# copper leak bypass



## Protech (Sep 22, 2008)

commentary to follow pics


----------



## Protech (Sep 22, 2008)

commentary to follow pics


----------



## Protech (Sep 22, 2008)

commentary to follow pics.


----------



## Protech (Sep 22, 2008)

commentary to follow pics,


----------



## Protech (Sep 22, 2008)

Site specifics: Two story home with slab on grade. Soft copper manifold system under ground with poly above ground. Polypipe has only copper and brass fittings, no plastic acetyl fittings. House build in 1997.

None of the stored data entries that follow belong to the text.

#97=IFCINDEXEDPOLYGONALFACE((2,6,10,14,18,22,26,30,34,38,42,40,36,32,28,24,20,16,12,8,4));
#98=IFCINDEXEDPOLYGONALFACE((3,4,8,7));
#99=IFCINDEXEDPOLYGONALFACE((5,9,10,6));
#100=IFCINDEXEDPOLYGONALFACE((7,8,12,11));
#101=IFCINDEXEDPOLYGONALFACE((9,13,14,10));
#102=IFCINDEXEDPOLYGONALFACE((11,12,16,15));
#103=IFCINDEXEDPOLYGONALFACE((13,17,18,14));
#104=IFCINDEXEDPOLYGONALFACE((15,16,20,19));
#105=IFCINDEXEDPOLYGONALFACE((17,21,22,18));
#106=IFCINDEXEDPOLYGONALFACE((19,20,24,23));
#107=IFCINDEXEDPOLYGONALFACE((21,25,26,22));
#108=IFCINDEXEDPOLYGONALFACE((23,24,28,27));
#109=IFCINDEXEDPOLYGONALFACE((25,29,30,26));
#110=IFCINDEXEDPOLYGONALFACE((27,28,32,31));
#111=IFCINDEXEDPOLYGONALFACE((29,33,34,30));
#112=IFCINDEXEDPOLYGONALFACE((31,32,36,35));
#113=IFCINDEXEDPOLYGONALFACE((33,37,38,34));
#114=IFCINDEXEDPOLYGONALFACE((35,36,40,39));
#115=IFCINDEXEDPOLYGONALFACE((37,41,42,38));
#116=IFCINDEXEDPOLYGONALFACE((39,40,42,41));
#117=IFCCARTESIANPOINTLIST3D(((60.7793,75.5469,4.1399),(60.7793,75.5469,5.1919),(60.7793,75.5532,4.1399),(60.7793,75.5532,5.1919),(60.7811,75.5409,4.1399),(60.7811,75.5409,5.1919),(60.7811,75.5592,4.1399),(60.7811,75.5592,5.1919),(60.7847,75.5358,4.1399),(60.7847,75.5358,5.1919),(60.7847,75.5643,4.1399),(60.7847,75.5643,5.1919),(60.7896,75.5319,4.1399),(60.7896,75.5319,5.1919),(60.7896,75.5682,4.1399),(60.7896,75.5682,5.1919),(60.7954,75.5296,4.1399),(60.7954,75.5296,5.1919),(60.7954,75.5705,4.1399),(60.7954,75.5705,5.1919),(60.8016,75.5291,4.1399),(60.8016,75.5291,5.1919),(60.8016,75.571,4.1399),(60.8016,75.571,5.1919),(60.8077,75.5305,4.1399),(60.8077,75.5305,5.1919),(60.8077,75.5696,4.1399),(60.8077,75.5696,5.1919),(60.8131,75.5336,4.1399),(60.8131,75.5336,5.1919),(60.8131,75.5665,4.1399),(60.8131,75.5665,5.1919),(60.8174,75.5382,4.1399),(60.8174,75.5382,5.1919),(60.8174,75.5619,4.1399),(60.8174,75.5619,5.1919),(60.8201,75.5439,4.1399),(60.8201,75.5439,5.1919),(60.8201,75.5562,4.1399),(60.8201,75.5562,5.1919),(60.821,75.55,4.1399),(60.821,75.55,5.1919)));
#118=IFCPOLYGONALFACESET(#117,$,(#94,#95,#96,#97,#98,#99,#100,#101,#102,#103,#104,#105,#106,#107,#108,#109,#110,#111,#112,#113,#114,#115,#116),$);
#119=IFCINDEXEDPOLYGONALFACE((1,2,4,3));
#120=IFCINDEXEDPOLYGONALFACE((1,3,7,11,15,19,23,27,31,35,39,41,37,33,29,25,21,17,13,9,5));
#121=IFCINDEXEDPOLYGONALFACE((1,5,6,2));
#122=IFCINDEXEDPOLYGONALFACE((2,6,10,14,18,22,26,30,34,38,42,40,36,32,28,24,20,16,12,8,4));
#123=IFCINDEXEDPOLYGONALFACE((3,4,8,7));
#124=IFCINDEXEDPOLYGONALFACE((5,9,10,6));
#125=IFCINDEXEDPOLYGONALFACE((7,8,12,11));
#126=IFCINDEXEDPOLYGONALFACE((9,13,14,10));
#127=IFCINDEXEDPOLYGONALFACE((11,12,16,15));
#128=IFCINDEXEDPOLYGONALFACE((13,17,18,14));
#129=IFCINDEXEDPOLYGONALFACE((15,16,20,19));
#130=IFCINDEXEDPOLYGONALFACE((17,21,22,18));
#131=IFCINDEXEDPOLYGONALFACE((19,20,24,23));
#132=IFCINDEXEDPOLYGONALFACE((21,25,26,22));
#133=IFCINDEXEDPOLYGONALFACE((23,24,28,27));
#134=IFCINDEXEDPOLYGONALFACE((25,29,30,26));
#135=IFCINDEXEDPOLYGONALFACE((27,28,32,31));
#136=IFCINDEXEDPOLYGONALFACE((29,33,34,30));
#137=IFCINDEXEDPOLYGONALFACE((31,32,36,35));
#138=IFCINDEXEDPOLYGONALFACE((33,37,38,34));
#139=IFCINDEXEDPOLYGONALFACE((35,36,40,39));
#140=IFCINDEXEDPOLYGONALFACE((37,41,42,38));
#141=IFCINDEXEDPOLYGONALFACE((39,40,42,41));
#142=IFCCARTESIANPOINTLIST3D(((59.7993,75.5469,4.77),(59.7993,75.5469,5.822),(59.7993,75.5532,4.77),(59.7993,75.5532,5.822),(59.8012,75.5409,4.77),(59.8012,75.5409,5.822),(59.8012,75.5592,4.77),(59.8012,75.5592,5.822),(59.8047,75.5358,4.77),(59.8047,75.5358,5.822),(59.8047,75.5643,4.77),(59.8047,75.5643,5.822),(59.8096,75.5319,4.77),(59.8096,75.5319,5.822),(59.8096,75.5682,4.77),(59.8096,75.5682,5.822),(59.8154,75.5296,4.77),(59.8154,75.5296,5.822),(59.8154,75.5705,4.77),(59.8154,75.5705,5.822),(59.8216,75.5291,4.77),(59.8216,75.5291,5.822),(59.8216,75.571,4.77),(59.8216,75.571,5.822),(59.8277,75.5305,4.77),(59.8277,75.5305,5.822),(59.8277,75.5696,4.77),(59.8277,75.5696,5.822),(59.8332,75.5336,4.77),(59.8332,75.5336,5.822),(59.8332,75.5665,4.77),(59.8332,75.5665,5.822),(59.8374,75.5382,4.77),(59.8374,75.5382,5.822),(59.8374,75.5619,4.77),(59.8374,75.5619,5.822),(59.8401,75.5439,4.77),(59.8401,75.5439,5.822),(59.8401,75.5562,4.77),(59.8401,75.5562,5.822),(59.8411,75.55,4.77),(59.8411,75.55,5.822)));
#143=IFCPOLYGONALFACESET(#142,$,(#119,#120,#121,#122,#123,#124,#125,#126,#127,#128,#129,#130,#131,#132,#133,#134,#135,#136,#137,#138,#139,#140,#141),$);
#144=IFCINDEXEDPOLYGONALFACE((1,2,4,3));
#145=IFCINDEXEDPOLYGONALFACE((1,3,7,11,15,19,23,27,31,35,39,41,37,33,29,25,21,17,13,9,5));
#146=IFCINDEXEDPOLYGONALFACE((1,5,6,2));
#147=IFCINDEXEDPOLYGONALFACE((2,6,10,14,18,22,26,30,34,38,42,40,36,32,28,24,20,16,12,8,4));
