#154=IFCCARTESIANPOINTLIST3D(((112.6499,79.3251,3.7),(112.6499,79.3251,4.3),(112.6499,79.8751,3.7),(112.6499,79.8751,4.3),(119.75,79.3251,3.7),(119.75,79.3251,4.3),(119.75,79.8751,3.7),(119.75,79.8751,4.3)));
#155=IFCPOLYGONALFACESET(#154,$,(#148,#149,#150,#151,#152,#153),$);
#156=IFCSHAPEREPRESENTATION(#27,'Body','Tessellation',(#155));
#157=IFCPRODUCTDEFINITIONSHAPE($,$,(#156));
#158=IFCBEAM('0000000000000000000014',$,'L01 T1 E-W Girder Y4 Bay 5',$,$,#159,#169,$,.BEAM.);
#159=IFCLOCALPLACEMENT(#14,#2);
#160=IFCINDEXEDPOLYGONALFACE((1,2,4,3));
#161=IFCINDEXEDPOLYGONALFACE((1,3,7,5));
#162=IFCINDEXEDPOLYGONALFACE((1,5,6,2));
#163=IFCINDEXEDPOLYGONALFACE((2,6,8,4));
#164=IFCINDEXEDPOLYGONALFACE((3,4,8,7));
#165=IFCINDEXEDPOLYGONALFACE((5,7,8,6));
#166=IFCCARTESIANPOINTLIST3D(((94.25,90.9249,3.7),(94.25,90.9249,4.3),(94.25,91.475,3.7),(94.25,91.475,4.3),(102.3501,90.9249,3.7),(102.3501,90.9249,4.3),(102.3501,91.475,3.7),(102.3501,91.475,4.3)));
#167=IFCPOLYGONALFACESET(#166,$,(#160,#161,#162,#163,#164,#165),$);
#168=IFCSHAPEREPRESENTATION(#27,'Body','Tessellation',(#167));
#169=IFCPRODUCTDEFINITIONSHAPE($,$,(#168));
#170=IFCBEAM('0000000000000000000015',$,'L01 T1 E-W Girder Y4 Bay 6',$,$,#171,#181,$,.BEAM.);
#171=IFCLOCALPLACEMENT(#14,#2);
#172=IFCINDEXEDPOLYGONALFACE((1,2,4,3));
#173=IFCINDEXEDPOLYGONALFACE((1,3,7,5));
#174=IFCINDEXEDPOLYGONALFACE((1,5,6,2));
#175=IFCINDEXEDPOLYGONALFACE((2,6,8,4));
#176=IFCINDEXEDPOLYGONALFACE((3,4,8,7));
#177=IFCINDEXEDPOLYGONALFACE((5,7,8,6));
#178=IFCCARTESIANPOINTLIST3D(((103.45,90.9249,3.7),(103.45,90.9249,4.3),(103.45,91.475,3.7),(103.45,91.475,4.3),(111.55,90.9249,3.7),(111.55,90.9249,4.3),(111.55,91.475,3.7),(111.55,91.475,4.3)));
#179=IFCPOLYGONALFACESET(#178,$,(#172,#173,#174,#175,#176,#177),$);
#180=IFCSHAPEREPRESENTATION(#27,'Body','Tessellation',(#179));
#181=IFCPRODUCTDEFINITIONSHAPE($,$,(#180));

The HO has had several leaks on the cooper system but none on the poly( I know it's hard to believe). The water tested out to 4ppm chlorine with a ph of 8.2. I could not talk this guy into a repipe. He insisted he wanted to waste an additional $2300 on this failing system. I shrugged and said "It's your house and your money". After doing electronic location and pressure testing I found that the major leak was on the loop going from the down stairs 1/2 bath pedestal lav to the kitchen. He also had a small leak on the loop going from the laundry manifold to the pedestal lav manifold right next to where they had done a previous slab repair. He said he would have a handy man re-jack up the floor in the laundry area to fix the leak (again) but he wanted to bypass the kitchen line because he didn't want me to tear up his tile floor in exposed locations. I capped of the kitchen loop at the pedestal lav mani. I then tapped onto the upstairs lav hot line on the air chamber from a cut made behind the mirror. This was sent threw the attic and down a kitchen pillar wall to feed the kitchen. The whole thin could have been done without any exposed holes but he said he would rather patch the one on the kitchen pillar than pay extra for me to do a surgical drop from the attic with a fiber optic cam.

This guy was not the smartest. He already had hundreds if not thousands of dollars in repairs before I set foot on the job. I offered to repipe the place for $5000 but he would not bite. Instead, he wanted to pay $2300 for a bypass plus drywall repairs. Then pay a handyman to come out and do another slab repair. And after all of that money he still has a failing copper system underground. You just can’t help some people some times.:wacko:


----------